Everything Old is New Again

Some time ago, I saw an episode of Simply Quilts on Mosaic Quilting. The artist was a southern woman named Shannon Williams and her idea was really interesting. The blurb for the episode is:

“What can you do with all your scrap pieces of fabrics? Mosaic quilt designer Shannon Williams joins host Alex Anderson in studio to give us the answer. She uses scrap pieces to demonstrate a mosaic quilt project called Blooming Sunflower. Alex reads a letter from viewer Kelly Biddle about her mom, Peggy Biddle, and the 50th anniversary quilt she created for her parents. Then, Alex talks to Peggy on the phone in studio about her work. QLT-705”

At the time (2003), after a class with Gwen Marston, I was working on Women’s Work and had a lot of red scraps around, so I started working on a piece using Ms. Williams’ technique.

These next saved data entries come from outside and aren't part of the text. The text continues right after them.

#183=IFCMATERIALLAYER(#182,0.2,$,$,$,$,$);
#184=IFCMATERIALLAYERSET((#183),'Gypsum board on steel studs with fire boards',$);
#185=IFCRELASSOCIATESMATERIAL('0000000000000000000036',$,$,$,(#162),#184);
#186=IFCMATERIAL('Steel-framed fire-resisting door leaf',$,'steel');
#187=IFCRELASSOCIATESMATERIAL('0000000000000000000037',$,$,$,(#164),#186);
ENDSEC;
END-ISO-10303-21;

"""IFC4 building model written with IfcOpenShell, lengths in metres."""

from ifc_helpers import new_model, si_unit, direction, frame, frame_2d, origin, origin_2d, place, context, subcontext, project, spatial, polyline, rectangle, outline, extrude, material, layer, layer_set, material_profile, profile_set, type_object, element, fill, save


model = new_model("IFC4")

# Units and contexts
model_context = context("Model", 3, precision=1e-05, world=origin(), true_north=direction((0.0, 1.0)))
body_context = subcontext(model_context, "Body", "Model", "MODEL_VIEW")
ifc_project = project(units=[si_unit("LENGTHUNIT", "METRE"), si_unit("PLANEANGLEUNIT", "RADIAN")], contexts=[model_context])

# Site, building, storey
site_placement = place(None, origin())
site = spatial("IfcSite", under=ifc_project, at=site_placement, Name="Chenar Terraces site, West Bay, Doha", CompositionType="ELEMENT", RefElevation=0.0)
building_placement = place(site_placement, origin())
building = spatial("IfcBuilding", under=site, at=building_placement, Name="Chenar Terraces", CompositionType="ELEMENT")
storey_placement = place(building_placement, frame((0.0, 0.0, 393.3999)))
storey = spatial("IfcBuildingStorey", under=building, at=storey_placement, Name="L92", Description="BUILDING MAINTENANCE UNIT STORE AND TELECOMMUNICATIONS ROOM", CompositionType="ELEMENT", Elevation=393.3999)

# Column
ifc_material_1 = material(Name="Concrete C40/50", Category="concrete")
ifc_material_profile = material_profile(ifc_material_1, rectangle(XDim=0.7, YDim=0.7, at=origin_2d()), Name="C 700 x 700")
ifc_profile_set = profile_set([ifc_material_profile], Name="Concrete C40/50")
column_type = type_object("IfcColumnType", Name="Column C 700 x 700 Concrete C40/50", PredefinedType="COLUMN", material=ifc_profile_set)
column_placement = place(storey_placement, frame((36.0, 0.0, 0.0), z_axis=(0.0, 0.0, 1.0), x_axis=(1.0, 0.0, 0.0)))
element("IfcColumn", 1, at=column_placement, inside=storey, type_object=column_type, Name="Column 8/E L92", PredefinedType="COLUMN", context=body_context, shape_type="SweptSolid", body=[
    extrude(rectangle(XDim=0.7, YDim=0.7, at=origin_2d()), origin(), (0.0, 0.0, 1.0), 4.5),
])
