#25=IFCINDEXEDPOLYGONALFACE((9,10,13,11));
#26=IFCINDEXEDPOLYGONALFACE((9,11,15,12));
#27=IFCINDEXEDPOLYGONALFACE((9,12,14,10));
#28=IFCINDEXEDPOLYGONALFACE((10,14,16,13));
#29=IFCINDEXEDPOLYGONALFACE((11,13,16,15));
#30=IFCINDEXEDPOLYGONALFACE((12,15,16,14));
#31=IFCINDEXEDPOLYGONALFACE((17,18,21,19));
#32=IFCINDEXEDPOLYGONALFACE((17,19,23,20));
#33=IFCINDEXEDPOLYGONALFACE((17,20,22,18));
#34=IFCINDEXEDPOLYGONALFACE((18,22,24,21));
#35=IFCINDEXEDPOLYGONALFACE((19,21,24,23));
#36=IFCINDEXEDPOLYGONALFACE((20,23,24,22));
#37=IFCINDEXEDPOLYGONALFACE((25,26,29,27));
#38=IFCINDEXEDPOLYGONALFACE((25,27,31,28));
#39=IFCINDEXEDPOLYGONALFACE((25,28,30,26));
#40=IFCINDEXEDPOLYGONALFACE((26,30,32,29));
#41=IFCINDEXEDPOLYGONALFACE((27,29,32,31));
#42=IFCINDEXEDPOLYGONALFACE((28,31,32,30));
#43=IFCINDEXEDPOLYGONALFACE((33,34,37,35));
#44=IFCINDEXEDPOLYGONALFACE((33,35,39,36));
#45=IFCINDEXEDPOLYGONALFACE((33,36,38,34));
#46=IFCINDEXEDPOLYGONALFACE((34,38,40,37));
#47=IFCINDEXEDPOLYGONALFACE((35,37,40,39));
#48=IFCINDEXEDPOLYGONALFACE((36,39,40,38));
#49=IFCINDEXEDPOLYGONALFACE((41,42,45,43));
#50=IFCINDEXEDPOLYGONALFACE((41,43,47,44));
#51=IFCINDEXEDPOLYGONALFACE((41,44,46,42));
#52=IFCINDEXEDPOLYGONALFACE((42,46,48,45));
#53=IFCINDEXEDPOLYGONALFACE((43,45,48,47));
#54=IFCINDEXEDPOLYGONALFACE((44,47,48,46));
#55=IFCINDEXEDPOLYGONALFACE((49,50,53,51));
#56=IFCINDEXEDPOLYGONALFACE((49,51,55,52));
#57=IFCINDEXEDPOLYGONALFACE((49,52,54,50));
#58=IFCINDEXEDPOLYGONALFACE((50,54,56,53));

It is not a project in and of itself. The idea is that it is ongoing and someday will provide enough new fabric so I can cut other shapes out of it. So far, this is what I have:

The long piece is the one I started with and the shape, after awhile, became quite unwieldy, e.g. not square or rectangular and quite useless. I was unwilling to slap some big strips on to make it a more normal shape, because I wanted it to retain that mosaic quality, so I started the second piece (shorter one) in order to sew it to the first piece and make more normal shape. I have considered hacking off a part and sewing it back on to another side/part of the original, but haven’t gotten there yet.

I haven’t worked on it for a long time as the piece has been covered by strips that I still feel compelled to collect for the Spiderweb. I saw the mosaic pieces peeking out from under said strips the other day and was reminded that I have some reds I could add to make the piece larger. Since I haven’t done any sewing this week, I thought it would be something to share with you all.

This is actually the first photo that I took today, but I thought it didn’t show enough of the detail nor did it show the entire piece. Perhaps I should ditch it, but I do like the way you can see how the two pieces will look together. You can also get an idea of how I simplified the piecing for the second piece.

And here is a detail shot that shows the intricate piecing. At the beginning of this piece, I would fit any size scrap in, which made the piece beautifully complex, but also a nightmare of piecing. I need to add some of the intricate piecing to the second piece, but I haven’t gotten there yet.

The other thing about this technique and my particular piece, is color. Since I had the red and use a lot of red, generally, I thought I would make a red piece, because I was sure to use the ‘new fabric’ later. However, there are often other colors in fabric. You can see the white and some blue flowers and the brown in the coffee cup scrap. I think the other colors add interest, but I know that my eyes gravitate to the white. I don’t have a panacea for this, but it is something that I am playing with.

Author: Jaye

Quiltmaker who enjoys writing and frozen chocolate covered bananas.

5 thoughts on “Everything Old is New Again”

  1. I am going to steal…um…BORROW this idea. I have made a quilt with a variety of scraps using a similar method. Your idea of doing them all in red gave ME the idea of doing blocks of colors. Eventually I will join those blocks in a scrappy quilt. Instead of the whole thing being one color or being totally haphazardly put together, I will have large blocks of ‘like’ colors.
    Thanks for the idea!

  2. Please do steal…um..borrow the idea! 😉 I think it is a great idea and so much better when you use scraps, because any size scrap works, who cares about the seam allowances. It is very freeing!

    Love the idea you have. I can’t wait to see it.

  3. I have done some similar type projects. MY GF from Tennessee sent me a string quilt pattern her group uses for charity quilts… We have a big charity quilting group that cranks out about 50 quilts a month using whatever we can get our hands on.

    Step one sew and flip strings across the diagonal of a block from corner into the center of the square.

    Step 2 You sew and flip strings from the center diagonal covering all the ends of the first set of strips …. you completely cover the foundation fabric. Square it up to the desired size.

    I made mine with blocks of monochromatic colors… the traditional way is to use any colors you like/have mainly scraps. Make the blocks the size you like best.

    The important part is always to keep the first diagonal strip in the center the same color so a secondary pattern ( diamond ) emerges.


    Check the botton project for the instructions…Gee I posted this 4 years ago… my photography editing and my quilting have both improved since then…


    1. Hi Nonnie,
      I used this star pattern in one of my women’s work quilts. I learned it in a class with Gwen Marston. I love the look. It is great that your guild produces so many charity quilts! What wonderful women you are! thanks for the pictures of your projects.